Rebuilt Xapian, then Recoll from tarballs: same result. Since both OBS RPMs and locally compiled copies have the same problem, it’s probably not a build environment problem. It could be runtime, of course. As you noted, Xapian and Recoll don’t have any exotic dependencies, so if libz or libstdc++ were corrupted on disk, I probably would have noticed by now.
Still, I should try to reproduce this on another machine; unfortunately I won’t be able to do so for a few days, and there may not be any OS 11.3 32 bit machines around at this time.

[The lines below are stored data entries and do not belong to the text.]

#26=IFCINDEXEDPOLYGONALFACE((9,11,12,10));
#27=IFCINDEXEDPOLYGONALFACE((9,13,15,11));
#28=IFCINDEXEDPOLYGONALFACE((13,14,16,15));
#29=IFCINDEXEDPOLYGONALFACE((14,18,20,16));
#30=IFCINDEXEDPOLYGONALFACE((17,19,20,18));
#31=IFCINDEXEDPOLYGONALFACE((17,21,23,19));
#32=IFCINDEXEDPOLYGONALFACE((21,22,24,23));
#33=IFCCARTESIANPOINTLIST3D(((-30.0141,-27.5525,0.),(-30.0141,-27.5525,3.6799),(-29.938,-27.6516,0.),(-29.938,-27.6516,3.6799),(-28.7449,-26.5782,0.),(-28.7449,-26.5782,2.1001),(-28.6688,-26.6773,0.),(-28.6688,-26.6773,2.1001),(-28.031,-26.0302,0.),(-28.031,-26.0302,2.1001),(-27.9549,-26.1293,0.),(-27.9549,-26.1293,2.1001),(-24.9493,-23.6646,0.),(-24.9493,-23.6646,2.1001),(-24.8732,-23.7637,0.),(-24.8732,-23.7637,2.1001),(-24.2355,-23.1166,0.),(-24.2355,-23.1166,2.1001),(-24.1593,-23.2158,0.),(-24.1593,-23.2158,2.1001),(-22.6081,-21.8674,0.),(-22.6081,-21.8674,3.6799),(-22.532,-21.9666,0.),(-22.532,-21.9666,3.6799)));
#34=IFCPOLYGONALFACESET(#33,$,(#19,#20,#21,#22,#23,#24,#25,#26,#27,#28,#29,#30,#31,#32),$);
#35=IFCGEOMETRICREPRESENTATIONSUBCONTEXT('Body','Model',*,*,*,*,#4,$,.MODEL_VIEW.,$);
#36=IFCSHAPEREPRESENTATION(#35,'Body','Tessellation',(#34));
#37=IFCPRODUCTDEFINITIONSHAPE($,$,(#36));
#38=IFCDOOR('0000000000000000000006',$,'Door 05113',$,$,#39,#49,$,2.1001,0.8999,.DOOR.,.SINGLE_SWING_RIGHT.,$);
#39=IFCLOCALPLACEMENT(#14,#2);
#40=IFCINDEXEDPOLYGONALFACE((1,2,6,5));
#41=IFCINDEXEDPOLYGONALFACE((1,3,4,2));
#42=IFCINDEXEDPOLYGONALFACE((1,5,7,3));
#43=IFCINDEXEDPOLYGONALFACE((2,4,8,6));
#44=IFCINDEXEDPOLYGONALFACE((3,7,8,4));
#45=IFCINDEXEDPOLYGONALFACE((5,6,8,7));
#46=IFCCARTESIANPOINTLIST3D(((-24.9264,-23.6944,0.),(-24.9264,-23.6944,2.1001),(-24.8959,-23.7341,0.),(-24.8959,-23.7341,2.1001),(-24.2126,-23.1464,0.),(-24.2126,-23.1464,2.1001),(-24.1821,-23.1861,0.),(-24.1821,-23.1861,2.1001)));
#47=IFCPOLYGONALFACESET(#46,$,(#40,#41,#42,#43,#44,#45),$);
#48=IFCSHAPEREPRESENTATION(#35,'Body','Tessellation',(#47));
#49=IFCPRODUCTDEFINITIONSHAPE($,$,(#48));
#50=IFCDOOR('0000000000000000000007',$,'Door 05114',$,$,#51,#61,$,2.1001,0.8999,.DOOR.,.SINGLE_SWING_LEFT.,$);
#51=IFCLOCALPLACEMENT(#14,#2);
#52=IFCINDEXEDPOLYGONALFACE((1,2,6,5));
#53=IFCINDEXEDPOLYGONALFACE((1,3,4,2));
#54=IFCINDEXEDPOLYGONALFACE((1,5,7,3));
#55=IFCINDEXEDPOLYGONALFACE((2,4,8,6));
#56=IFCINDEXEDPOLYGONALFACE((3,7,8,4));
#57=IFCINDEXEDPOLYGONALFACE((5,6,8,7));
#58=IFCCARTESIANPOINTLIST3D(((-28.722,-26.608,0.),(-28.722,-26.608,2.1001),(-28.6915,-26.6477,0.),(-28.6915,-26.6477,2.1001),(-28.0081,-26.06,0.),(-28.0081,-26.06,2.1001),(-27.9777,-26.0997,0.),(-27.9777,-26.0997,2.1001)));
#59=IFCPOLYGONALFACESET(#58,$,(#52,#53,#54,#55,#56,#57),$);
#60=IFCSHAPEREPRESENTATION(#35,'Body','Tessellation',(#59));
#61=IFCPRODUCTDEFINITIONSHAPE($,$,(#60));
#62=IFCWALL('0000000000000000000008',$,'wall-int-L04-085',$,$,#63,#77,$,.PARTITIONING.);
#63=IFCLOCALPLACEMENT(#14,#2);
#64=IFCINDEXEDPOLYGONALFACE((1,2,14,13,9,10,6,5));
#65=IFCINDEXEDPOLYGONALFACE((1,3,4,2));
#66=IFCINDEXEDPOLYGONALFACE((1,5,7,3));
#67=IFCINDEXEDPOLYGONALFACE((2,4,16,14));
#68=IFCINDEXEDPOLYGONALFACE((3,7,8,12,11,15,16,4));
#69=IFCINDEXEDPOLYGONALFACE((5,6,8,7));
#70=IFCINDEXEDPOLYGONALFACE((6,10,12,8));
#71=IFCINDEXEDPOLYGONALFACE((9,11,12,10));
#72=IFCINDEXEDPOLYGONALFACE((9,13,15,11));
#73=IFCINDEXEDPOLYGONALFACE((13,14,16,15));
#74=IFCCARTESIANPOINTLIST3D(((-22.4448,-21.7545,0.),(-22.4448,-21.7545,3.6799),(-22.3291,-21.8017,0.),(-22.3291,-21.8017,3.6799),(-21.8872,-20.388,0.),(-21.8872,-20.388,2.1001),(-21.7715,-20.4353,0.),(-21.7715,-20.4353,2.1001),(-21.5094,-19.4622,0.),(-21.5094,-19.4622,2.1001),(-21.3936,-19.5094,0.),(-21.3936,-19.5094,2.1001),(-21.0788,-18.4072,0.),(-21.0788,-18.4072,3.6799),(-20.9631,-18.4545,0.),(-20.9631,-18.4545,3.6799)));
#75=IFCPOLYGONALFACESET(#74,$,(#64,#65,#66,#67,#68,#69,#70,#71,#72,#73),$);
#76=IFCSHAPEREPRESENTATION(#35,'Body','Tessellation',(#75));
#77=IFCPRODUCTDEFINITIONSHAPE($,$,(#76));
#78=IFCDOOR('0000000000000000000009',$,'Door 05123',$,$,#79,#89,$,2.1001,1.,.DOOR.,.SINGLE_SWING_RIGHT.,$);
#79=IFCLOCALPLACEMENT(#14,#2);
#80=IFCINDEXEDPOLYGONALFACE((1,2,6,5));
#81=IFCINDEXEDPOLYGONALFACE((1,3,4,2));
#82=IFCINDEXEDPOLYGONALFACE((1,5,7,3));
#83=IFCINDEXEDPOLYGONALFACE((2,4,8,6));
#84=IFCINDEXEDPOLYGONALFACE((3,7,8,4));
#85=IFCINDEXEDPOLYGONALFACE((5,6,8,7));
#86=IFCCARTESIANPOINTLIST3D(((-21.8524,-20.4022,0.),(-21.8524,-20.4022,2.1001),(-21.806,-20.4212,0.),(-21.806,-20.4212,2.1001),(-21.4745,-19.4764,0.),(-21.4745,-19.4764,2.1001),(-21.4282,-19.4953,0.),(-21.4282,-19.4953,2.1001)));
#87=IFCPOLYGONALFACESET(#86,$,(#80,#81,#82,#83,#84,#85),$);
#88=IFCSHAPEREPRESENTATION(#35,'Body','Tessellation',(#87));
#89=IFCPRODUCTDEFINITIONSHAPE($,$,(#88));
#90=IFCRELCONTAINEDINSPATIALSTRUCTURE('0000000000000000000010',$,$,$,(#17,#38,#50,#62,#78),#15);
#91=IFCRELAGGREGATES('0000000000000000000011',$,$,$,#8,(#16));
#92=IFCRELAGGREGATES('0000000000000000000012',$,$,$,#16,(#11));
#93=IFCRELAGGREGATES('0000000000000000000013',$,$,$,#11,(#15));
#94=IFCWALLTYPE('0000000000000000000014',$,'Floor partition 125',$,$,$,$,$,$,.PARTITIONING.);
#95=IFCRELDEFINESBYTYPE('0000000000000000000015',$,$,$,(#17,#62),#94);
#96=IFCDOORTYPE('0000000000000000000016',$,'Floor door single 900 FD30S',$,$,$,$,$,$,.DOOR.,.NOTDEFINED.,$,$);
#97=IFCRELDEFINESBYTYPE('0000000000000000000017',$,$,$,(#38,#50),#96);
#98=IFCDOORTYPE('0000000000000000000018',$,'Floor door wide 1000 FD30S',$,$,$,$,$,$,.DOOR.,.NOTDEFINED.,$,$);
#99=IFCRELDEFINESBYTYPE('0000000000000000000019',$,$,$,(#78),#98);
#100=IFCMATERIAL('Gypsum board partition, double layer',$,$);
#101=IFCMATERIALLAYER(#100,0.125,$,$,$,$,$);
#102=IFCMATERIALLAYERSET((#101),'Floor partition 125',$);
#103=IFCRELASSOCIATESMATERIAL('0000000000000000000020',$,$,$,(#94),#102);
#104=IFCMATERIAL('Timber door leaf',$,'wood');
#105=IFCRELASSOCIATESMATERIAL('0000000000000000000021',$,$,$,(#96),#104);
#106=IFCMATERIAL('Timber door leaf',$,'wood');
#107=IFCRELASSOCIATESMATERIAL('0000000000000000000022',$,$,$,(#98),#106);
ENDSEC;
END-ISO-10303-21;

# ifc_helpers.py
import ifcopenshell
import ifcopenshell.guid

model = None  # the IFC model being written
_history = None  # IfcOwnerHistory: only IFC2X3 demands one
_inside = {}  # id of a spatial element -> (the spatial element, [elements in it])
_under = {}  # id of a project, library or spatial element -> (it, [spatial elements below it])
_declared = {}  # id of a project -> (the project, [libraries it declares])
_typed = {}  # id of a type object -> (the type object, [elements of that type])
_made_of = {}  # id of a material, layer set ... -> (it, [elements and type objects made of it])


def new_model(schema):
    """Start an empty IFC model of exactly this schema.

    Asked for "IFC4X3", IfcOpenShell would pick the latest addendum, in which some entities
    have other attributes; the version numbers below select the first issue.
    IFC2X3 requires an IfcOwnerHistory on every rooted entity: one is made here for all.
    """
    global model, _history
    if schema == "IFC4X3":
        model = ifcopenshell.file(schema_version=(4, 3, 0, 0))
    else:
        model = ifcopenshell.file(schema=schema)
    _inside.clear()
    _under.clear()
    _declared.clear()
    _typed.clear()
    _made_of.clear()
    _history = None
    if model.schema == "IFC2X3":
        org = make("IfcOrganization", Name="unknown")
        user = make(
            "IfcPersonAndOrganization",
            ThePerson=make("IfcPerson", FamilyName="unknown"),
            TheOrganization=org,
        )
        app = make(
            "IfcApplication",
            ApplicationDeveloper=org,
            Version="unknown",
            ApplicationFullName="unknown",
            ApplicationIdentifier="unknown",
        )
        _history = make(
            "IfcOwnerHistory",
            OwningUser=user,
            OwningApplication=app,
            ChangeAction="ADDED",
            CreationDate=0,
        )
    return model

Also tried Xapian 1.0.21, with the same result (well, I didn’t actually look at the stack trace). Also the same with Recoll 1.13.04 with either Xapian.
Unknown User writes
I was able to find a couple of machines to test on, after all. Both are OS 11.2. On one, indexing completed, but any search causes SIGILL. This is another K7, though the software environment is obviously somewhat different.
The other 11.2 machine worked fine. It’s some sort of K8, but is running 32-bit SuSE anyway. I think needing an x86-64 chip running 32-bit linux is not a likely requirement for running Xapian, and I doubt we’ve found a new erratum for Athlon XPs after ten years, so….

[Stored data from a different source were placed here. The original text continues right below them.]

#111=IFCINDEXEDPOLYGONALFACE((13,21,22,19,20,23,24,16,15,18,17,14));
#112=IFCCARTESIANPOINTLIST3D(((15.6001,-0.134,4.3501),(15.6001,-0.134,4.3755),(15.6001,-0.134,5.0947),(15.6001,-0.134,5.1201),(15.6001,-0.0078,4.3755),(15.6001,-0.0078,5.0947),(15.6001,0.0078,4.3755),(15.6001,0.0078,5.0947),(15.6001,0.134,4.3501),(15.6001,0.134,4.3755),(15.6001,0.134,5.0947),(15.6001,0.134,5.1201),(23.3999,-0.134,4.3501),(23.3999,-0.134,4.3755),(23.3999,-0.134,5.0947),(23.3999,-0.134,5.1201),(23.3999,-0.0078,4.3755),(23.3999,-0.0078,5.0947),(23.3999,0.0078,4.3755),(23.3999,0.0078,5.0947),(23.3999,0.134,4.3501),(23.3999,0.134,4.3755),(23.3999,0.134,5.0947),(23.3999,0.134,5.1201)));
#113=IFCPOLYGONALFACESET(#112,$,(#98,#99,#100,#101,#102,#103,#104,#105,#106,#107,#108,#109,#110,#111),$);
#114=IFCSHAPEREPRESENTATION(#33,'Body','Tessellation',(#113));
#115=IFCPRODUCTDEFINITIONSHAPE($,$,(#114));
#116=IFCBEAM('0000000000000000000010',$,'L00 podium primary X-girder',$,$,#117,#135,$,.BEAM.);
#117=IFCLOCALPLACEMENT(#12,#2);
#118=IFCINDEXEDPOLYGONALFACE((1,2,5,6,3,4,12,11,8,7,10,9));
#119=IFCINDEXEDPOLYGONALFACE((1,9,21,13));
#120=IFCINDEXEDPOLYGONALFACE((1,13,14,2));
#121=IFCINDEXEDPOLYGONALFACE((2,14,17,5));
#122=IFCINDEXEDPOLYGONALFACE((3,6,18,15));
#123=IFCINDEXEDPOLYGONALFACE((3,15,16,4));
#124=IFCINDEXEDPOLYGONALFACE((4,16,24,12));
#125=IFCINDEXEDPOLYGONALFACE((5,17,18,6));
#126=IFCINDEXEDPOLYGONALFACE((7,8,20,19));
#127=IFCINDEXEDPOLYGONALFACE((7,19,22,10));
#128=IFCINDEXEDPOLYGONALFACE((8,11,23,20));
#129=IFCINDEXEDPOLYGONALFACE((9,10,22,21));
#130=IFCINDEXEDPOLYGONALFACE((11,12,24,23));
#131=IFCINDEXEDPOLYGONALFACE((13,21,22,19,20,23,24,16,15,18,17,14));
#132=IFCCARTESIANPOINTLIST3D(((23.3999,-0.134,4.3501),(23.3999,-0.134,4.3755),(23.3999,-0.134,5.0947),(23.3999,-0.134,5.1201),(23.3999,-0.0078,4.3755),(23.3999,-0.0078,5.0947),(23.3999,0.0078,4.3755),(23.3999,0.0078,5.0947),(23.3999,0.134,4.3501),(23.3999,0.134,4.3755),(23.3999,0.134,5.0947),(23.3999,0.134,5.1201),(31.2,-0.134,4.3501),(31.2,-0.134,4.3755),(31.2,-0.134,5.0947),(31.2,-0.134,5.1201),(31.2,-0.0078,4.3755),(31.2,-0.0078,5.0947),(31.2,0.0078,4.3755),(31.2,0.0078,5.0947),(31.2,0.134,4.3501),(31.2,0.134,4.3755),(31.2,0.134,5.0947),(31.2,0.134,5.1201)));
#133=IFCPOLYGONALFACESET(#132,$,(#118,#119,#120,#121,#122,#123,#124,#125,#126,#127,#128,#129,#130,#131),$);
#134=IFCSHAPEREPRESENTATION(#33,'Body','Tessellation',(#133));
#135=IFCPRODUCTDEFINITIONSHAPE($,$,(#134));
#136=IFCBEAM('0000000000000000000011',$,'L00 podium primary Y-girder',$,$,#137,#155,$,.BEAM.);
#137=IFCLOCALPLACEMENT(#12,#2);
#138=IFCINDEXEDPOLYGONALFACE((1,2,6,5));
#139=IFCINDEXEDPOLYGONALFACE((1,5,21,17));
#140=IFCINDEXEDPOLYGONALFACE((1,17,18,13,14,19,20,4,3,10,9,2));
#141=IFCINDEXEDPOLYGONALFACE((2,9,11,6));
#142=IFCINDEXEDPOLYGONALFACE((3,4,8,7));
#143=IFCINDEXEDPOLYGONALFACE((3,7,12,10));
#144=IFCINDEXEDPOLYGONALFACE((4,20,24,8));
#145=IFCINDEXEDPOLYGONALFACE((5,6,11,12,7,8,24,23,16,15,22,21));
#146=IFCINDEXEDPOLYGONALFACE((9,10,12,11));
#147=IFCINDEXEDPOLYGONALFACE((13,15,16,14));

These were all from the 11.2 RPM, since building it from scratch does not seem to matter. I am somewhat out of ideas that take fewer than some hours.
medoc writes
Hi, I think I know what’s happening: recent versions of Xapian are compiled with a flag enabling sse2 instructions, which do not exist on older x86 processors (see http://trac.xapian.org/wiki/PackagingXapian for slightly more detailed explanations).
Please try to configure xapian with the --disable-sse flag and rebuild everything. I tested this on an older machine (a Duron), and I do get the SIGILL problem, and it does go away with --disable-sse
Sorry I did not think of this faster, I’d seen an email about the issue some time ago, I should have acted on it. I am going to either recompile the packages on the web site or at least add a warning.

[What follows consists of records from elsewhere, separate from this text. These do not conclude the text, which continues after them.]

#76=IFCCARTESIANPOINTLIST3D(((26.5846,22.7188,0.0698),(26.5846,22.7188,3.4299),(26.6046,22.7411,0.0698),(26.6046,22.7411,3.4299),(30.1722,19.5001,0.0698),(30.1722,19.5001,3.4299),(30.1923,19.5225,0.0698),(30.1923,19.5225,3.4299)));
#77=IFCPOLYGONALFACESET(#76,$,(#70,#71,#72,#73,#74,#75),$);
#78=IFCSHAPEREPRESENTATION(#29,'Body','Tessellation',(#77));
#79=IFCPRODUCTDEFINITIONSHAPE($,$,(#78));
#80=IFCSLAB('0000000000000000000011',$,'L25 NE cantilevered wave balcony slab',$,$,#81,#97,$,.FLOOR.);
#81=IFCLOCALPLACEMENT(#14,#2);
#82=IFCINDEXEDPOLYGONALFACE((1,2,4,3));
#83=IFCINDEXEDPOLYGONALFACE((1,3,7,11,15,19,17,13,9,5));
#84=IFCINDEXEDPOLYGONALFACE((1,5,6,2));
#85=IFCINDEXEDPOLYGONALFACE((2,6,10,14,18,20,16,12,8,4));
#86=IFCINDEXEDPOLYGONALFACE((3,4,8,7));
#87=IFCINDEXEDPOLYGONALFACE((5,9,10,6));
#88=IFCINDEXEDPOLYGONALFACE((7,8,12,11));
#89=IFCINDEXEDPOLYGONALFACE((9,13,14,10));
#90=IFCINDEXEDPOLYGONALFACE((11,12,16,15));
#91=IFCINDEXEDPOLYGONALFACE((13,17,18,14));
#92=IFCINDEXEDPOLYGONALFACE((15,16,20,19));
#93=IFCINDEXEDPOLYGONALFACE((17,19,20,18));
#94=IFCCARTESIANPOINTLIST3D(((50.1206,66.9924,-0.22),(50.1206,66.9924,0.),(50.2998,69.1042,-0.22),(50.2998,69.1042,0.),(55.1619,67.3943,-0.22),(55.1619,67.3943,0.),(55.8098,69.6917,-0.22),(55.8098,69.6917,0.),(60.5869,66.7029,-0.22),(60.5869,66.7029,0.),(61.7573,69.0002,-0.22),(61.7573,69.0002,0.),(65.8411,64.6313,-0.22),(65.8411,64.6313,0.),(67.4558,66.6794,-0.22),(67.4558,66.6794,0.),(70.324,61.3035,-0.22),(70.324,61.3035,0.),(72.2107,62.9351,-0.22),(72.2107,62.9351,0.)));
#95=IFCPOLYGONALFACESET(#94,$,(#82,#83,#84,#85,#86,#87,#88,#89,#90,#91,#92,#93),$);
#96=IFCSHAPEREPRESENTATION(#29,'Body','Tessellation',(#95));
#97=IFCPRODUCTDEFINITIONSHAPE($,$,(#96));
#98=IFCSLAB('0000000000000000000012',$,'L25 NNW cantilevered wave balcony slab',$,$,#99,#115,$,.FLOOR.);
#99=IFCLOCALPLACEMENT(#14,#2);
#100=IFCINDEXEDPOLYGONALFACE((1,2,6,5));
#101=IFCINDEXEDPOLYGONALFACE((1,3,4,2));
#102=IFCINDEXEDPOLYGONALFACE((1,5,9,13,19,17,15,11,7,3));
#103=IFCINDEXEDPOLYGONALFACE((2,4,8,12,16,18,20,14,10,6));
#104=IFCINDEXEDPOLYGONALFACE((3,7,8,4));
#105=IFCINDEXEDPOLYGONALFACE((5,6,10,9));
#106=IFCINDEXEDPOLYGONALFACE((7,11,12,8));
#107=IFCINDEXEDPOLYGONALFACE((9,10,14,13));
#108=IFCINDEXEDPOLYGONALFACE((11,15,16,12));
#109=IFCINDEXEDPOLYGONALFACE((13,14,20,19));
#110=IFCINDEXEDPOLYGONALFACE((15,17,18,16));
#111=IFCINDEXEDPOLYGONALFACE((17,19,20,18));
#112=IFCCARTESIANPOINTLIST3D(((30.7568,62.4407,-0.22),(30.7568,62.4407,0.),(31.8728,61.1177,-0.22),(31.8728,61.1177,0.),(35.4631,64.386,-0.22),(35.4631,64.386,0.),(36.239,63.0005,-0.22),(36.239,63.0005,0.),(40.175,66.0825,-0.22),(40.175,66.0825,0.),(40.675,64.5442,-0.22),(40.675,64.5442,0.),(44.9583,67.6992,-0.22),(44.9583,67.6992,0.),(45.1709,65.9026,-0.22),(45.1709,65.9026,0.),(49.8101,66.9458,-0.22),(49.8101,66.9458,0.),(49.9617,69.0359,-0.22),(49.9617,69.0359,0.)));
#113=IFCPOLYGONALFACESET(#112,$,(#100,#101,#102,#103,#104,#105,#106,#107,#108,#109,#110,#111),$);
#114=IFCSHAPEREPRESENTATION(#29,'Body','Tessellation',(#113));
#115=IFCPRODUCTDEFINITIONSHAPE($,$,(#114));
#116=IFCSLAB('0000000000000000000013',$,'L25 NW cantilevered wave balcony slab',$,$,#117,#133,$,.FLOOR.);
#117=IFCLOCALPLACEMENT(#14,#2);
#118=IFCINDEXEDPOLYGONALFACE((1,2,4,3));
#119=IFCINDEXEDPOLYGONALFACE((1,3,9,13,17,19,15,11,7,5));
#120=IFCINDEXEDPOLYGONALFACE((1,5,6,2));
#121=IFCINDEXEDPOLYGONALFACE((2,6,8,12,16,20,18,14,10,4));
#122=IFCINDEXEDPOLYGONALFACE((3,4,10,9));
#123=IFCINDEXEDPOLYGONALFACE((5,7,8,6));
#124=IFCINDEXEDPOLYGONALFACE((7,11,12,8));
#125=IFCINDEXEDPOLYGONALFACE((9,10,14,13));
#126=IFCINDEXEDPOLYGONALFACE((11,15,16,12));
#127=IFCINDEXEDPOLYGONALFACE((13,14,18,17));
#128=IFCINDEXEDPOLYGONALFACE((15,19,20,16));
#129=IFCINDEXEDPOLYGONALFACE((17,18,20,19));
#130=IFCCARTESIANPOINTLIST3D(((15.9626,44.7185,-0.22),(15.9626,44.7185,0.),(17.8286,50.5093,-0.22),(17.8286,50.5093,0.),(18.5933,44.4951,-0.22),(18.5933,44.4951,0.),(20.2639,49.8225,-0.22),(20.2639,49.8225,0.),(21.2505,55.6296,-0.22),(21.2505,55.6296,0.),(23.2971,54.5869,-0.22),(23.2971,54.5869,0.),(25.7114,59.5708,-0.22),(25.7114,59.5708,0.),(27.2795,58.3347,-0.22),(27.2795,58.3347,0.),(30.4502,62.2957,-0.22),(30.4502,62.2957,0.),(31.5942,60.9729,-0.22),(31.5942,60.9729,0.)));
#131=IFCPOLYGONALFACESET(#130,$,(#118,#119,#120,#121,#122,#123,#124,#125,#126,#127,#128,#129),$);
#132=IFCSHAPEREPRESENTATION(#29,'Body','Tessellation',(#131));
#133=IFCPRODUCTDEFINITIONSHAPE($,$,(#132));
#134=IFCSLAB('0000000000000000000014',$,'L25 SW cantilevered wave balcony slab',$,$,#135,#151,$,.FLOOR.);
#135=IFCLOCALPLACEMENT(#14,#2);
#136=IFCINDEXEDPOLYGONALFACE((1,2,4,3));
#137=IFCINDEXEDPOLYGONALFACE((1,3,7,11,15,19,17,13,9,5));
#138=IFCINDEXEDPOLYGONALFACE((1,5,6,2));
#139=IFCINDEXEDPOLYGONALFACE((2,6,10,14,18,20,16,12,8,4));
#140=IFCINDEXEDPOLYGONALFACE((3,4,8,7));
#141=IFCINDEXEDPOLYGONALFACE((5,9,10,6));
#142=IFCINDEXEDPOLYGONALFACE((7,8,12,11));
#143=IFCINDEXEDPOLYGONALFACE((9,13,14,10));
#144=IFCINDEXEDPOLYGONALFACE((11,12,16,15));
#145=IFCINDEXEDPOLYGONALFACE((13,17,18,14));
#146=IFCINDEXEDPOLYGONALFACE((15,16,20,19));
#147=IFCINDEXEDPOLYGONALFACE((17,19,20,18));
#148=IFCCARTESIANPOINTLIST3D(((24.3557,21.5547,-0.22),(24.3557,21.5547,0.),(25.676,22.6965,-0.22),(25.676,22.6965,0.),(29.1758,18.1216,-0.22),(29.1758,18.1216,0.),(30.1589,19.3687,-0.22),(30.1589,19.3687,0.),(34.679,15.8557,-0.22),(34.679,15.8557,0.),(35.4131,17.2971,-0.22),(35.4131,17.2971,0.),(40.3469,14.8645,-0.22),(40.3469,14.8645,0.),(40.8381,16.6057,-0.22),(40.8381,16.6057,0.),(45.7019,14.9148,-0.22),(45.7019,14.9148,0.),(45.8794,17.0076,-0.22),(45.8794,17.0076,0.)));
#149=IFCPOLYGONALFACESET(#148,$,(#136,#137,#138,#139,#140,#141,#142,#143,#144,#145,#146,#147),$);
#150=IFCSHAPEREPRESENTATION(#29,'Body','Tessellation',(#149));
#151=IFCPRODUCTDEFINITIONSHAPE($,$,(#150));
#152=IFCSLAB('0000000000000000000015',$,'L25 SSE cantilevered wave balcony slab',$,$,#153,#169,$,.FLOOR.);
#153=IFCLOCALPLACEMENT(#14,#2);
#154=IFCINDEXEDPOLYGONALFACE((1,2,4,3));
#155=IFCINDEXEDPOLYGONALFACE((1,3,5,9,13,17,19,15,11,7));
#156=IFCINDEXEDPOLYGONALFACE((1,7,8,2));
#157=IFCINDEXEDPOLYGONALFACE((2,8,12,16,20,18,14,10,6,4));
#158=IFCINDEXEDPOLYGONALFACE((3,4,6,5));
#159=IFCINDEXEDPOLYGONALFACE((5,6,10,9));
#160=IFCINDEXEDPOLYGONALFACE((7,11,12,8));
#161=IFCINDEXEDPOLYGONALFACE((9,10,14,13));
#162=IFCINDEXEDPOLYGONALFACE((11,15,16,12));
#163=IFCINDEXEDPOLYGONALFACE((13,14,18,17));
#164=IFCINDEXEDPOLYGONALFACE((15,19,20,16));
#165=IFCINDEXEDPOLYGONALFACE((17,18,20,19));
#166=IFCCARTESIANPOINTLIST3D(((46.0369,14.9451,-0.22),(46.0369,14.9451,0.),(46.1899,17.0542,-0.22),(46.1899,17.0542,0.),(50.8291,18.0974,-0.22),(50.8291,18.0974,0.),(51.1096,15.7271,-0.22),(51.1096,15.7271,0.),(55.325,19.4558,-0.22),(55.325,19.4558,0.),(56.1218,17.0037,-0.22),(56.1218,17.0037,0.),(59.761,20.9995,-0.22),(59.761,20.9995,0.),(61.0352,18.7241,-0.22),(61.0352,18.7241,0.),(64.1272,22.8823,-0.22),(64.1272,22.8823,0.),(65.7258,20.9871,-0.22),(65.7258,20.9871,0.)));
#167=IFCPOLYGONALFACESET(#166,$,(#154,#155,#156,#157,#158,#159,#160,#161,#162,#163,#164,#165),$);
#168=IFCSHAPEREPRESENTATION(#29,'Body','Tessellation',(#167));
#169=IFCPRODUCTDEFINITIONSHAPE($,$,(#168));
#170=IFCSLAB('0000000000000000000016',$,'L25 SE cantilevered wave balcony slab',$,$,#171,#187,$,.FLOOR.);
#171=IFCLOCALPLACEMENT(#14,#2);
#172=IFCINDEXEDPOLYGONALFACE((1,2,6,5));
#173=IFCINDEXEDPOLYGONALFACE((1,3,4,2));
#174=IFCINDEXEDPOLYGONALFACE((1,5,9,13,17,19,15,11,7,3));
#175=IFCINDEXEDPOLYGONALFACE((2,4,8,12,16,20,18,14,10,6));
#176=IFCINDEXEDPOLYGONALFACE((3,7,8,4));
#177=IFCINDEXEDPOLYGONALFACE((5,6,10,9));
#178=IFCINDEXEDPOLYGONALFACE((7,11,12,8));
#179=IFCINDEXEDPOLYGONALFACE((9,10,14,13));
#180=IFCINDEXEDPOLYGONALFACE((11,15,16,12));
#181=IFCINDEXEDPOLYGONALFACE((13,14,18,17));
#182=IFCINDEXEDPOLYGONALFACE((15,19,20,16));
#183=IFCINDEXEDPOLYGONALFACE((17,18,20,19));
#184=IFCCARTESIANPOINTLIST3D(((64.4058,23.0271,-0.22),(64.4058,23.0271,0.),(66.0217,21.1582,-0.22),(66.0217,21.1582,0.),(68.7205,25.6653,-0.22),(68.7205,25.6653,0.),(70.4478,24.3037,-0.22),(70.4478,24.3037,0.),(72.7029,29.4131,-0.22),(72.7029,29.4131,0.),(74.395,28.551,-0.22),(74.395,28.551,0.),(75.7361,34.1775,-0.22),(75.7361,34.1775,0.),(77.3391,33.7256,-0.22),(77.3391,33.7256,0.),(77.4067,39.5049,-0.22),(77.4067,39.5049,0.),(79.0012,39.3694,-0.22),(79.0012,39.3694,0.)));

Thanks for your patience in spending your time with me to clear this issue (hopefuly :))
Cheers, jf
Unknown User writes
That did it (--disable-sse on Xapian). I’m glad you remembered, because I doubt I would have thought of it-I’d totally forgotten the K7s didn’t implement SSE2, though I doubt I would have even thought of an indexing/search library requiring it by default.
IMO this is a very poor decision on Xapian’s part-if they really want SSE2 enough to make it enabled by default (and thereby breaking a lot of extant machines in a very mysterious way), they need to write an autoconf test for it or something.
In any case, thanks for your help-I’ve now a much less ancient version of Recoll working on my (apparently) ancient CPU.
medoc writes
Glad it’s working now.
While I agree that the great Xapian people may have been a bit aggressive on this one, it’s mainly my responsibility as builder/packager to create compatible binaries or put a warning (both of which I am going to do). This problem is described on the Xapian packaging page, so, my bad.
And yes, the xapian configure should probably print a warning when run without --disable-sse on an incompatible cpu, but this would not solve the cross-compile issue anyway.
Thanks again for helping me clear and fix this!